Reklama

Były Beatles o ataku terrorystycznym

Brytyjski muzyk Paul McCartney zrealizował film dokumentalny o zamachach z 11 września 2001 roku. Obraz wyemituje telewizja ShowTime w przededniu dziesiątej rocznicy ataku terrorystycznego na Stany Zjednoczone.

W czasie, gdy rozgrywał się dramat, muzyk przebywał na pokładzie samolotu lecącego do Nowego Jorku. Gdy dotarł do Stanów Zjednoczonych pomagał w organizacji koncertu charytatywnego na rzecz ofiar tych dramatycznych wydarzeń oraz ich bliskich.

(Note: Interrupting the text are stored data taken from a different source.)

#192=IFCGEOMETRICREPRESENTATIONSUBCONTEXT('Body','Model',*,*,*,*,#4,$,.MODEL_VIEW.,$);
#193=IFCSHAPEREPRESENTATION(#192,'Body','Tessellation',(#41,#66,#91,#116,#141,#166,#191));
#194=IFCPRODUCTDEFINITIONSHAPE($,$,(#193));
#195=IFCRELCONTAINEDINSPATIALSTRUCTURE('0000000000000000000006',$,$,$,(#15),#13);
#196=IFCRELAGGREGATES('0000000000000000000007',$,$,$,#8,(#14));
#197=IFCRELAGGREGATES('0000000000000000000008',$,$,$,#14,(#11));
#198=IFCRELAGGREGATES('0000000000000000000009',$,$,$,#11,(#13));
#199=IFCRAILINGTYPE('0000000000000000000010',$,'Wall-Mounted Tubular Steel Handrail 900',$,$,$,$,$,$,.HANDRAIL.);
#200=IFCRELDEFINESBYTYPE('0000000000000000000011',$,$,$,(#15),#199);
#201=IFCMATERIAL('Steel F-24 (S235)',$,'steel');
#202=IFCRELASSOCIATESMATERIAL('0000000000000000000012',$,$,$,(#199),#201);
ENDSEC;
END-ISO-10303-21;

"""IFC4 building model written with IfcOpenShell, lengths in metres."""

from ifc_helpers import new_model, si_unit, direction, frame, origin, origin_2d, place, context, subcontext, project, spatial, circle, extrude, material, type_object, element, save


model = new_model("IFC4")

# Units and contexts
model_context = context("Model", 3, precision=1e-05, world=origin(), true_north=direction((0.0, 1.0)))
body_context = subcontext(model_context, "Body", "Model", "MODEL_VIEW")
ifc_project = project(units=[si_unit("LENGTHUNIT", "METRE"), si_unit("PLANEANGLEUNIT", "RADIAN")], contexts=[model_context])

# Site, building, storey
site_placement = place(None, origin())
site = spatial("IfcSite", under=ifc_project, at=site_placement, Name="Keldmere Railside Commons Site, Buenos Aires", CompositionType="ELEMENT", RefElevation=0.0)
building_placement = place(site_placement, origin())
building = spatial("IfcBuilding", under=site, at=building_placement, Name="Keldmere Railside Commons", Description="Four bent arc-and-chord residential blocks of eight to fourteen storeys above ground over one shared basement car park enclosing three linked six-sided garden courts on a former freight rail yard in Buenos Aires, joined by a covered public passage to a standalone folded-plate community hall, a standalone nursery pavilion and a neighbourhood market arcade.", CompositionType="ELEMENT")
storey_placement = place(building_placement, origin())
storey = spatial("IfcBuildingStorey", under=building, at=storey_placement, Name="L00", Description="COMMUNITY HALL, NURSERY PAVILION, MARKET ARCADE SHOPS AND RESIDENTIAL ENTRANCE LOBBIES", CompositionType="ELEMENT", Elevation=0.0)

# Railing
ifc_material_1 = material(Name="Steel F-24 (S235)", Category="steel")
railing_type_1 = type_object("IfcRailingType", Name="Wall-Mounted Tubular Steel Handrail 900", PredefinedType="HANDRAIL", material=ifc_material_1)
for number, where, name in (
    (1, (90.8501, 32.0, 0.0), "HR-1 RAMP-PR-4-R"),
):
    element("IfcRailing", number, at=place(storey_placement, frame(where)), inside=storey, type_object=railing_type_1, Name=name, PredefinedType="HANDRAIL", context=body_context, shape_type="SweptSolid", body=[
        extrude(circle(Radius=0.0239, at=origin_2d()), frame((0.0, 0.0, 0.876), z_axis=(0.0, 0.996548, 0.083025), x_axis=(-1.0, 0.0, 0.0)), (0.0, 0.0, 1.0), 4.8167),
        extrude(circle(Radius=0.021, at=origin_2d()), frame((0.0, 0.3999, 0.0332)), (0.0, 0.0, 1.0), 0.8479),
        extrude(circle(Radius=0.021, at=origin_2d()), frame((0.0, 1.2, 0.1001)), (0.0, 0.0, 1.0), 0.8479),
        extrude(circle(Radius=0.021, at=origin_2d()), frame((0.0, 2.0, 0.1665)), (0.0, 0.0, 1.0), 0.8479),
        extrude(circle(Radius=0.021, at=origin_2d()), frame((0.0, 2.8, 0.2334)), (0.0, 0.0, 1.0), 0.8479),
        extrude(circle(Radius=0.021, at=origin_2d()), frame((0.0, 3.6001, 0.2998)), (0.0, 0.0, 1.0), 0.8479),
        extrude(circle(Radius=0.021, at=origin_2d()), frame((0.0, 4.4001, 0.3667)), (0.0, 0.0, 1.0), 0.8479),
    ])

Czarno-biały dokument zatytułowany "The Love We Make" jest kroniką osobistej podróży artysty poprzez zniszczone miasto we wrześniu 2001 roku. To także zapis przygotowań McCartney'a do jego charytatywnego koncertu.

Bazę filmu stanowią krótkie klipy, na których gwiazdy i osobistości ze świata polityki wypowiadają swe przesłanie do nowojorczyków. Są wśród nich m.in.: Mick Jagger, David Bowie, Leonardo DiCaprio, Bill Clinton, Steve Buscemi, Eric Clapton, Sheryl Crow, Harrison Ford, Billy Joel, Elton John, Stella McCartney, Governor George Pataki i Keith Richards.

Reklama

Klipy te przeplatane są licznymi rozmowami z nowojorczykami, opowiadającymi o swych odczuciach. Tło filmu i chyba jeden z najważniejszych środków wyrazu w nim użytych, stanowi oczywiście muzyka.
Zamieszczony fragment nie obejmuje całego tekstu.